Dictionary[Words,about]=101

Since the game Wordle is currently limited to five letter words only, we will use a shell command to strip out any words that aren't five letters. We will also strip out any capitalized words using a shell command (this will skew the frequency results a little, but for these purposes it won't hurt much.)

Most of the magic in the macro will be performed by the following statement:

grep -o -E "\w+" | egrep "^\w\w\w\w\w$" | egrep -v "[[:digit:]]" | egrep -v "[A-Z]" | sort | uniq -c

Each shell statement in the above shell command does the following:

  1. Extract all words into a separate line.
  2. Extract only the five letter words.
  3. Remove any words that contain a digit.
  4. Remove any words that contain a capital letter.
  5. Sort the words alphabetically.
  6. Count how many times each word appears in this text.

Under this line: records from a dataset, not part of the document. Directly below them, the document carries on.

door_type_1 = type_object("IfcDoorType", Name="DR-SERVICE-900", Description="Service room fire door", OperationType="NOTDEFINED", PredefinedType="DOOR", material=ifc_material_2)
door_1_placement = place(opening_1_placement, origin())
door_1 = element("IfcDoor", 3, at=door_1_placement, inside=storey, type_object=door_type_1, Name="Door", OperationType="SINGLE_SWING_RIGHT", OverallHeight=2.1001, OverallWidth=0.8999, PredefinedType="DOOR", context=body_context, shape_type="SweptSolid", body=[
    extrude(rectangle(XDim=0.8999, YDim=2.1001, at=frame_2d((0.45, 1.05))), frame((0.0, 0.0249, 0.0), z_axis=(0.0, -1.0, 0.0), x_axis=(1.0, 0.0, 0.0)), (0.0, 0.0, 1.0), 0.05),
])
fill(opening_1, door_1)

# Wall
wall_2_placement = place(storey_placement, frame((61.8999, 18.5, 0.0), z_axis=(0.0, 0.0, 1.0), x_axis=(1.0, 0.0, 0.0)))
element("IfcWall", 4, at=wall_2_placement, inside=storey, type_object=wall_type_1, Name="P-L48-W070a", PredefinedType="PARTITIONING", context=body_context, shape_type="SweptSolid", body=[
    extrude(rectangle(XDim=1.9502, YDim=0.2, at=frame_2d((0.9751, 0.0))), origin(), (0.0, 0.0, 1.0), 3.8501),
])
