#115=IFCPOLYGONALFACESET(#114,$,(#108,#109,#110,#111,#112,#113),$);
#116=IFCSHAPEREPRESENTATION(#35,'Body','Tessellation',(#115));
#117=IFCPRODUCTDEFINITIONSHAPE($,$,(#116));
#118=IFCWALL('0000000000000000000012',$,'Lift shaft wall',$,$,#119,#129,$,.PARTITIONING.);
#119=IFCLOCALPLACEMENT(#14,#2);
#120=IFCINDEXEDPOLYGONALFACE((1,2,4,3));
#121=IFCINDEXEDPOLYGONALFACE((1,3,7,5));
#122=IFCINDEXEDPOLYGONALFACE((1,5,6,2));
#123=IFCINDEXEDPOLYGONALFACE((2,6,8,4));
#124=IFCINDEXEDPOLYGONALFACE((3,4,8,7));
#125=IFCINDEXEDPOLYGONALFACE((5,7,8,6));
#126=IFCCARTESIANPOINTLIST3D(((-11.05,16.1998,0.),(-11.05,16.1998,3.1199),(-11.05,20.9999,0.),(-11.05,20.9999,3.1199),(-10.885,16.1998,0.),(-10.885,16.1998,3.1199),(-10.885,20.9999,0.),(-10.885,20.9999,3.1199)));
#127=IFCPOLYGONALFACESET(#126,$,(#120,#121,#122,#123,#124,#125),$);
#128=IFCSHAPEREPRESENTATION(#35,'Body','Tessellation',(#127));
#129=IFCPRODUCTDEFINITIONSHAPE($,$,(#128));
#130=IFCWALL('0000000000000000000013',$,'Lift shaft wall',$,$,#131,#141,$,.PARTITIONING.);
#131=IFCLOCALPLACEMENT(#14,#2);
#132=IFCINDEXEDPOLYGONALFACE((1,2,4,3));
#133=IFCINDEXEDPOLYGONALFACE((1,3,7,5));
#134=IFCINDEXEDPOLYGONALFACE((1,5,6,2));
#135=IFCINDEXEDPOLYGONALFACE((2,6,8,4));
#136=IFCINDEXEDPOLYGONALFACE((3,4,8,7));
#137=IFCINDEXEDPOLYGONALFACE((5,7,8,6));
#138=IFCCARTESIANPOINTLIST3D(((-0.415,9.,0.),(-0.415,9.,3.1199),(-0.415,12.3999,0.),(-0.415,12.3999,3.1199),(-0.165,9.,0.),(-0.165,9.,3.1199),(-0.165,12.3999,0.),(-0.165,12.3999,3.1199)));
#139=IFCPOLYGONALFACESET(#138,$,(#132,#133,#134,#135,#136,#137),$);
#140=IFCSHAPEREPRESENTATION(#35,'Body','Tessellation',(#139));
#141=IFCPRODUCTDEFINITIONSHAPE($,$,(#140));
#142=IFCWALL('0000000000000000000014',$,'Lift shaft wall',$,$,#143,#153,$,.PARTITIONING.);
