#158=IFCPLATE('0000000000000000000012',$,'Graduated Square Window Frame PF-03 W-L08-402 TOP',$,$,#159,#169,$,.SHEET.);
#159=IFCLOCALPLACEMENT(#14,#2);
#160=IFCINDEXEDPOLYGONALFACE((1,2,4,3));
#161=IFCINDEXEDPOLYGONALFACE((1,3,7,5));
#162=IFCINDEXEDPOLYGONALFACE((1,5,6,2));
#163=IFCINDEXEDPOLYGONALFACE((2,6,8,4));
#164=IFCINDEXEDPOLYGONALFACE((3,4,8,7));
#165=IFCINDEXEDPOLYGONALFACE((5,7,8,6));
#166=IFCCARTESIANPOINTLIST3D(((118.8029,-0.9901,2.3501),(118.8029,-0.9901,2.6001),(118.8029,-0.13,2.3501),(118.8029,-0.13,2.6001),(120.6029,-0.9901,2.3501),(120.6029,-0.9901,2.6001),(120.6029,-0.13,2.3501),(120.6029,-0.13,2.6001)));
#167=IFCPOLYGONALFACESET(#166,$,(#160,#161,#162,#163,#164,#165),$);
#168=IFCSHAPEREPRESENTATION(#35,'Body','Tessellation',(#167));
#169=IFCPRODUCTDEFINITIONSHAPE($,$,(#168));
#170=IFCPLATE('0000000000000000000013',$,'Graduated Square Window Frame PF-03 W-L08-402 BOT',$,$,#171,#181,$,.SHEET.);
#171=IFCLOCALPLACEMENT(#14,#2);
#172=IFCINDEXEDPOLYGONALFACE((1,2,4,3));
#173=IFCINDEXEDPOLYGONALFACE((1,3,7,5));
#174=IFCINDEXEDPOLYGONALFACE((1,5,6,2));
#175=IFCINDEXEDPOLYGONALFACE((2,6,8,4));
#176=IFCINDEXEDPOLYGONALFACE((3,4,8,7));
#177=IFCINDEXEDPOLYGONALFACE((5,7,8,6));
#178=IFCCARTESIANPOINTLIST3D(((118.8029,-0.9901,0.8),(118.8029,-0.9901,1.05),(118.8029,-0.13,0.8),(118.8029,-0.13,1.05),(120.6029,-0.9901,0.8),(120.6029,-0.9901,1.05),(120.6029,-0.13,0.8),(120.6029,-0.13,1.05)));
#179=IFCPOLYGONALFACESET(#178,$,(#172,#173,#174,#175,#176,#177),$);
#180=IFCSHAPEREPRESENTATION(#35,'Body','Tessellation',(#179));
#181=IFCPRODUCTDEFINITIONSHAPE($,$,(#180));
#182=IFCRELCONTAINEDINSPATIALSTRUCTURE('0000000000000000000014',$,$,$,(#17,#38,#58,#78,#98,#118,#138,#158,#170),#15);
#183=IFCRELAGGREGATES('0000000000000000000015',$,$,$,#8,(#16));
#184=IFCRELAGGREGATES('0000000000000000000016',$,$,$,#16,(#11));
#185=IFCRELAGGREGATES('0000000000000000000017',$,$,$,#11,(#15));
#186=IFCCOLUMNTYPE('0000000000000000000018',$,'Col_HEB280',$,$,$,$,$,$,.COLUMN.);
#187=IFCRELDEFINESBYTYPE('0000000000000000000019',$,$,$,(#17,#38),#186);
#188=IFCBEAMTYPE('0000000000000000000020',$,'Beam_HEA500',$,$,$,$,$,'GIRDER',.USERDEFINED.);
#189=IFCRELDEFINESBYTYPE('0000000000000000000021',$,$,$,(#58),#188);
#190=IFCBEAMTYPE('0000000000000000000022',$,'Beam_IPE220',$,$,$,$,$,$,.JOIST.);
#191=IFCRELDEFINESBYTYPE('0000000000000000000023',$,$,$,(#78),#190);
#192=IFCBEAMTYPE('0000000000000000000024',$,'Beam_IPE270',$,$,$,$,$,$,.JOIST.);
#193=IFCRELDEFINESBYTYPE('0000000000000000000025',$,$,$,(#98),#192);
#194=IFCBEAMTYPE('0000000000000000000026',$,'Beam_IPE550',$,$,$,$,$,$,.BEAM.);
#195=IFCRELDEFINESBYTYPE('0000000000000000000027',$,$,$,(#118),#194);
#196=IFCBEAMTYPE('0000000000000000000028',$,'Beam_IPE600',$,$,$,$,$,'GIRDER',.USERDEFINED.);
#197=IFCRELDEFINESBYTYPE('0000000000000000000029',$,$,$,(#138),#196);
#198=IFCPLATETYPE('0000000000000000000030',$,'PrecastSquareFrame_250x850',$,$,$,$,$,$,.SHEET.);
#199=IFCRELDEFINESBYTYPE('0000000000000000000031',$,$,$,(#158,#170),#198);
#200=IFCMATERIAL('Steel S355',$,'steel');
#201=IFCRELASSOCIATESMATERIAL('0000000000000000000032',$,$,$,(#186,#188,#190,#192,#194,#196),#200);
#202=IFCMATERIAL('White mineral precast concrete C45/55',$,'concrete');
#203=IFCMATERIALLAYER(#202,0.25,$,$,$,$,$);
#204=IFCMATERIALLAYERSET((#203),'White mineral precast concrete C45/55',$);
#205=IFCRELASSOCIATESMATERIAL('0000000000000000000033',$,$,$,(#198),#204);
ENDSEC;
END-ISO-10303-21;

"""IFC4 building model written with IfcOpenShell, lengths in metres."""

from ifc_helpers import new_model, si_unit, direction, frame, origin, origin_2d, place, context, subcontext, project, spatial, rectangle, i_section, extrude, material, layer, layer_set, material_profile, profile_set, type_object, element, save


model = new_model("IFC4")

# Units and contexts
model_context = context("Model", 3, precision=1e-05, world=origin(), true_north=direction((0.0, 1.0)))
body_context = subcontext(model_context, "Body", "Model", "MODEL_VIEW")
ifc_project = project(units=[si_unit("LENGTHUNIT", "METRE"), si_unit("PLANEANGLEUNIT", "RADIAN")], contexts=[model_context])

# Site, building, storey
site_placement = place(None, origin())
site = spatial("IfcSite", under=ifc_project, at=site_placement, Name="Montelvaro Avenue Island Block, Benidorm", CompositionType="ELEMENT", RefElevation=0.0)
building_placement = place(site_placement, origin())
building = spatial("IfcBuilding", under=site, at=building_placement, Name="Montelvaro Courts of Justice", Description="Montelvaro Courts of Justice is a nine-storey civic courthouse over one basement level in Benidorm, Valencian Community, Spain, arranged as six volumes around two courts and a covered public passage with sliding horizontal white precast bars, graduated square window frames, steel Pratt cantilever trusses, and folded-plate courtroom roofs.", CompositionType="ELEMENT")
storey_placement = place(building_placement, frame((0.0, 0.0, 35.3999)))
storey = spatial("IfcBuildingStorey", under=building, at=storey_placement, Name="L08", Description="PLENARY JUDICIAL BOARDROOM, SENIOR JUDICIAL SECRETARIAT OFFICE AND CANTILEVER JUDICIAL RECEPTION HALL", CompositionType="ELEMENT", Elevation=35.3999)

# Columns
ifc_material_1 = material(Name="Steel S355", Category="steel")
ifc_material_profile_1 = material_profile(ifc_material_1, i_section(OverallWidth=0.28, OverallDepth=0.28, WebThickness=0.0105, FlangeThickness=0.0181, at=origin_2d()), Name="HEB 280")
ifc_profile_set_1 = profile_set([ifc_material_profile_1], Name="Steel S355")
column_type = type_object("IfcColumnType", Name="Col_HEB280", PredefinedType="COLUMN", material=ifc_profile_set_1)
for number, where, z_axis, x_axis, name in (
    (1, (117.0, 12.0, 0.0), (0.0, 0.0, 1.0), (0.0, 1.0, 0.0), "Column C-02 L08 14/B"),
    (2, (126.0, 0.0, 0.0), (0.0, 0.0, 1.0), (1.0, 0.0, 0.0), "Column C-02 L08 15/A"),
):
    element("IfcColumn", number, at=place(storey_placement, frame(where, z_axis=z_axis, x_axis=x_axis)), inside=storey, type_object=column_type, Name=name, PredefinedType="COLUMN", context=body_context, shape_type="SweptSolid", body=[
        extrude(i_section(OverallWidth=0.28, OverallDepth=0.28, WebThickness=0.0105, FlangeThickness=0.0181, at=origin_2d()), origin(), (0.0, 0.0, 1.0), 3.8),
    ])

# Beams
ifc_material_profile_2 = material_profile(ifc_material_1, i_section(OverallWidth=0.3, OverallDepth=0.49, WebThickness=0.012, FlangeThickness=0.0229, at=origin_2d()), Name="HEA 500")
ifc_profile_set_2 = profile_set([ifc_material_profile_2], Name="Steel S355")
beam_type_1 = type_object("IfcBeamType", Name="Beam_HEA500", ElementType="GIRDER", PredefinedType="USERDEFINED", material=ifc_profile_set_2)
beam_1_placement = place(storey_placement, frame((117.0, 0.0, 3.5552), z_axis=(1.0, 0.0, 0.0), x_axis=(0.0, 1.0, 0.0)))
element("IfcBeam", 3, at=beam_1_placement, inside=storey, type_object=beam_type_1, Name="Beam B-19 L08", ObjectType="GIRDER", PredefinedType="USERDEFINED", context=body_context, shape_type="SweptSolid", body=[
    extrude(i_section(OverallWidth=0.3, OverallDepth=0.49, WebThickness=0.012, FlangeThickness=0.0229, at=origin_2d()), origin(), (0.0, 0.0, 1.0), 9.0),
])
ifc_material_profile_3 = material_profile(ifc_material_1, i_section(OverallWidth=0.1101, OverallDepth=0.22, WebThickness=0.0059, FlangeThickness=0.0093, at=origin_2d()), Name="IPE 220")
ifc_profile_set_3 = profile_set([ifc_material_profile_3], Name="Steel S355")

I've been running this macro for a half hour, and here's the first part of the tally:

which 463
first 357
links 317
their 281
other 215
years 177
about 173
after 170
would 168
known 159
where 148
album 138
under 136
three 128
later 116
there 109
being 107
based 105
these 103
while 92
since 89

You may notice that some odd words are high on this list, like "links", which is not popular in normal English, but it's a very common word on any wikipedia page. So this list is not perfectly accurate, but it's adequate for my purposes. Another minor problem is that my code doesn't remove words with accented characters (or strange fonts), because I'm not sure how to fix that, so there are some words in the list that shouldn't be there because they aren't English words.

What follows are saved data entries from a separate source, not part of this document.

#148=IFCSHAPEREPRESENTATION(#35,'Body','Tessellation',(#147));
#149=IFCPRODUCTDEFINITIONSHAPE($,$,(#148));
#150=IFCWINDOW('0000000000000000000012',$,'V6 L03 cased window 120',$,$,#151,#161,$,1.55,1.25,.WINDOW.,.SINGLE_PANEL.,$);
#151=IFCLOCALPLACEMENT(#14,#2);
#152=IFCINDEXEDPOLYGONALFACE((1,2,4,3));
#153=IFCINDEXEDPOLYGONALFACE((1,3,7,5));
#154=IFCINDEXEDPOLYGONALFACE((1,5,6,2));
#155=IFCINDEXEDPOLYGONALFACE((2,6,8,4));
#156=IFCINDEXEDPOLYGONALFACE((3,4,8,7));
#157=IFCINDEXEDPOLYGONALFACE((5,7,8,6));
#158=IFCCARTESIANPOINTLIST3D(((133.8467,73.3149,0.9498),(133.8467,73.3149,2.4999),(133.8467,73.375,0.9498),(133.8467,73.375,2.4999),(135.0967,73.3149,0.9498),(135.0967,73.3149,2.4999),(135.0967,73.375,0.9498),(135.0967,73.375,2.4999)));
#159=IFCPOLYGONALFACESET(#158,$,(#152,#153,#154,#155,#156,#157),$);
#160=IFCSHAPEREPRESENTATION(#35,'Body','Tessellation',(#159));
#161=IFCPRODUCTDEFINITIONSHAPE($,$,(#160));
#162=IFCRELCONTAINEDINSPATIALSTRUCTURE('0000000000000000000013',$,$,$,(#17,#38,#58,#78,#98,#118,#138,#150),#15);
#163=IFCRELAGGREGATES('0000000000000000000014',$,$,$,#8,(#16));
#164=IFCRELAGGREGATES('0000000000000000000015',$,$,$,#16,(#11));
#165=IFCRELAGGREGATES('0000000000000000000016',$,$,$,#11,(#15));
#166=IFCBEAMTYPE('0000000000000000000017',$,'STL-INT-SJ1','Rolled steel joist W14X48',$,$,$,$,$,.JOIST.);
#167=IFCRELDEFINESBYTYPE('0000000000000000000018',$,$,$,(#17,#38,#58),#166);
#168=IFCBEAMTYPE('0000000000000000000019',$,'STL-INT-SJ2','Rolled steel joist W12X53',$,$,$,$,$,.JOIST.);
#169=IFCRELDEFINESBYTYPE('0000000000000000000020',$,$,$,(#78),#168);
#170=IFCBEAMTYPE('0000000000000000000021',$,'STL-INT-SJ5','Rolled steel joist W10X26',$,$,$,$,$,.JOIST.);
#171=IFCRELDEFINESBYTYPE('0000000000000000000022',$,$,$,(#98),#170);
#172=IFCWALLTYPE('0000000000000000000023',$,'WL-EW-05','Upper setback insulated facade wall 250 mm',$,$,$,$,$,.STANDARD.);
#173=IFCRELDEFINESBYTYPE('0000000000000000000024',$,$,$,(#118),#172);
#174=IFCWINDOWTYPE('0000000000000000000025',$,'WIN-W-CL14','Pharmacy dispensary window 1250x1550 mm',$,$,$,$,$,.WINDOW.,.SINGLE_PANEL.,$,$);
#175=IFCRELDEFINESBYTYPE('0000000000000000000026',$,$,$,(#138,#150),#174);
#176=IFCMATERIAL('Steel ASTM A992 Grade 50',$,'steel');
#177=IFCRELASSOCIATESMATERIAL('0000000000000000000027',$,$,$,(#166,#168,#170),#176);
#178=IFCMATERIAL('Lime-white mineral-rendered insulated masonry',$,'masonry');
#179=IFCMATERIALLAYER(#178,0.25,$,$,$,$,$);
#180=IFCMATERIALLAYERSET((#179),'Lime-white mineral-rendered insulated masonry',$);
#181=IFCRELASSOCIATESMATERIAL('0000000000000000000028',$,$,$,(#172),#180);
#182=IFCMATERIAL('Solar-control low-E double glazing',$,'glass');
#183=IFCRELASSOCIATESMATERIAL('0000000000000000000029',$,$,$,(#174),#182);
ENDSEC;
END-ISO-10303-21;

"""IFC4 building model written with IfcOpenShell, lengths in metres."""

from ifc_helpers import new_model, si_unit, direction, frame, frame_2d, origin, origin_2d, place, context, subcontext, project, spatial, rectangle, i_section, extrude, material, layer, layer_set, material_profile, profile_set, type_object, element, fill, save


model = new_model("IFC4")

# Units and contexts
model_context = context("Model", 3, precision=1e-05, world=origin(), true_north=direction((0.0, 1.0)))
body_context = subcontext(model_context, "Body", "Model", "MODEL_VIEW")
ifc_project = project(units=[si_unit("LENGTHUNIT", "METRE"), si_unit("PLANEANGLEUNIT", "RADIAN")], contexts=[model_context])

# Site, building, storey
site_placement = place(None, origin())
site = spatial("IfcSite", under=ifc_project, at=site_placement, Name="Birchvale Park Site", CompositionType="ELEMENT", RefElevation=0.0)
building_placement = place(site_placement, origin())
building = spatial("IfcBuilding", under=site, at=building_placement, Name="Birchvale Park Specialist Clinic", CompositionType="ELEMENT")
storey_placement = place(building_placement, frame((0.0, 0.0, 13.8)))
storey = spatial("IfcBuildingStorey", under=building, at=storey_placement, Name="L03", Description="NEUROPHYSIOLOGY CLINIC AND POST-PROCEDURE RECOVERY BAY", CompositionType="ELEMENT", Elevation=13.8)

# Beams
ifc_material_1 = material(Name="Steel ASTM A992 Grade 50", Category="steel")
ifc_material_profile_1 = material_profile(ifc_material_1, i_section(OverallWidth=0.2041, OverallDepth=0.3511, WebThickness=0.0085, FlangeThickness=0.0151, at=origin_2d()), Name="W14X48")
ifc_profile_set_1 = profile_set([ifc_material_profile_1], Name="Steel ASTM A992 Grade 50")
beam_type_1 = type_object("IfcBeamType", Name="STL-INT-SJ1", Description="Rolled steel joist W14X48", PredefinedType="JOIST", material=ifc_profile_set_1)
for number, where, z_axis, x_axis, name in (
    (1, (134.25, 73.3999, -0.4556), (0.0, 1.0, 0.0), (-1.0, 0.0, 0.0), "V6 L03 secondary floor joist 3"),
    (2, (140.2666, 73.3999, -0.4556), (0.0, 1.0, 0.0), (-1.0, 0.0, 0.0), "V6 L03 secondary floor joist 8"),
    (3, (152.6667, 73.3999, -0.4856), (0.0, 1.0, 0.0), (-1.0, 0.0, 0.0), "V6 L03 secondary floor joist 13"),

I used a KM subroutine to assist with my code. It helped reduce the amount of code.

Wordle1 Macros (v10.0.2)

Wordle1 Macros.kmmacros (28 KB)

You may be interested in this post. I downloaded lists of five-letter words from Scrabble sites to get letter frequencies. These words are generally legal to play in Wordle, but most of them will not be answers. As described in this New York Times article, the list of possible Wordle answers is only about 2300 words long. There's a very interesting take on using information theory to devise a Wordle guessing program in this video from 3 Blue 1 Brown. Beware that the video shows parts of Wordle's answer list—you may need to shut your eyes during those scenes.

For what it's worth, in the month-plus that I've been playing, I've never seen a plural noun or a third-person singular verb, so words that end in "s," which are very common in text, are not likely to be a Wordle answer. They are perfectly legal guesses, though.

I sometimes use grep after playing Wordle to see other words that I could have used at various points in the game. Here's a particular example.

Yes, letter frequency does affect one's strategy. But the reason I'm measuring word frequency is simply to help determine which word to pick when you don't know the dictionary of words that could be chosen. If two words are equally good as the next guess, I would like to choose the one that's more frequent. (Yes, I know the dictionary is visible in the Javascript, but I'm not here to cheat, I'm here to solve problems.)

The 3B1B video is interesting, but it's not the only way to write code to solve this game. In fact, they don't even clarify in that video which is the following is "better": an algorithm with a lower number of average required guesses or an algorithm with a lower number of maximum required guesses. So clearly there are different solutions when there is more than one possible goal.

3 Blue 1 Brown just issued a new video with a couple of corrections to the video you cited. And interestingly, the first correction that they addressed was a problem that I raised in the comment section of their video 8 days ago. But he didn't give me credit for that correction. So I'm slightly sad, but I'm also happy that I was able to spot an error in that respectable channel, inform them of the error in the Comments section, and have them issue a correction a week later.

I also implied 8 days ago in my comment that there was a bigger problem with his video, and it's amazing that he spent most of this new video trying to correct that problem.

So clearly I'm not a complete idiot if I can correct the respectable channel of 3 Blue 1 Brown.

I was glad to see that Grant Sanderson also acknowledged in the followup video that strategies for a computer don’t necessarily work well for people.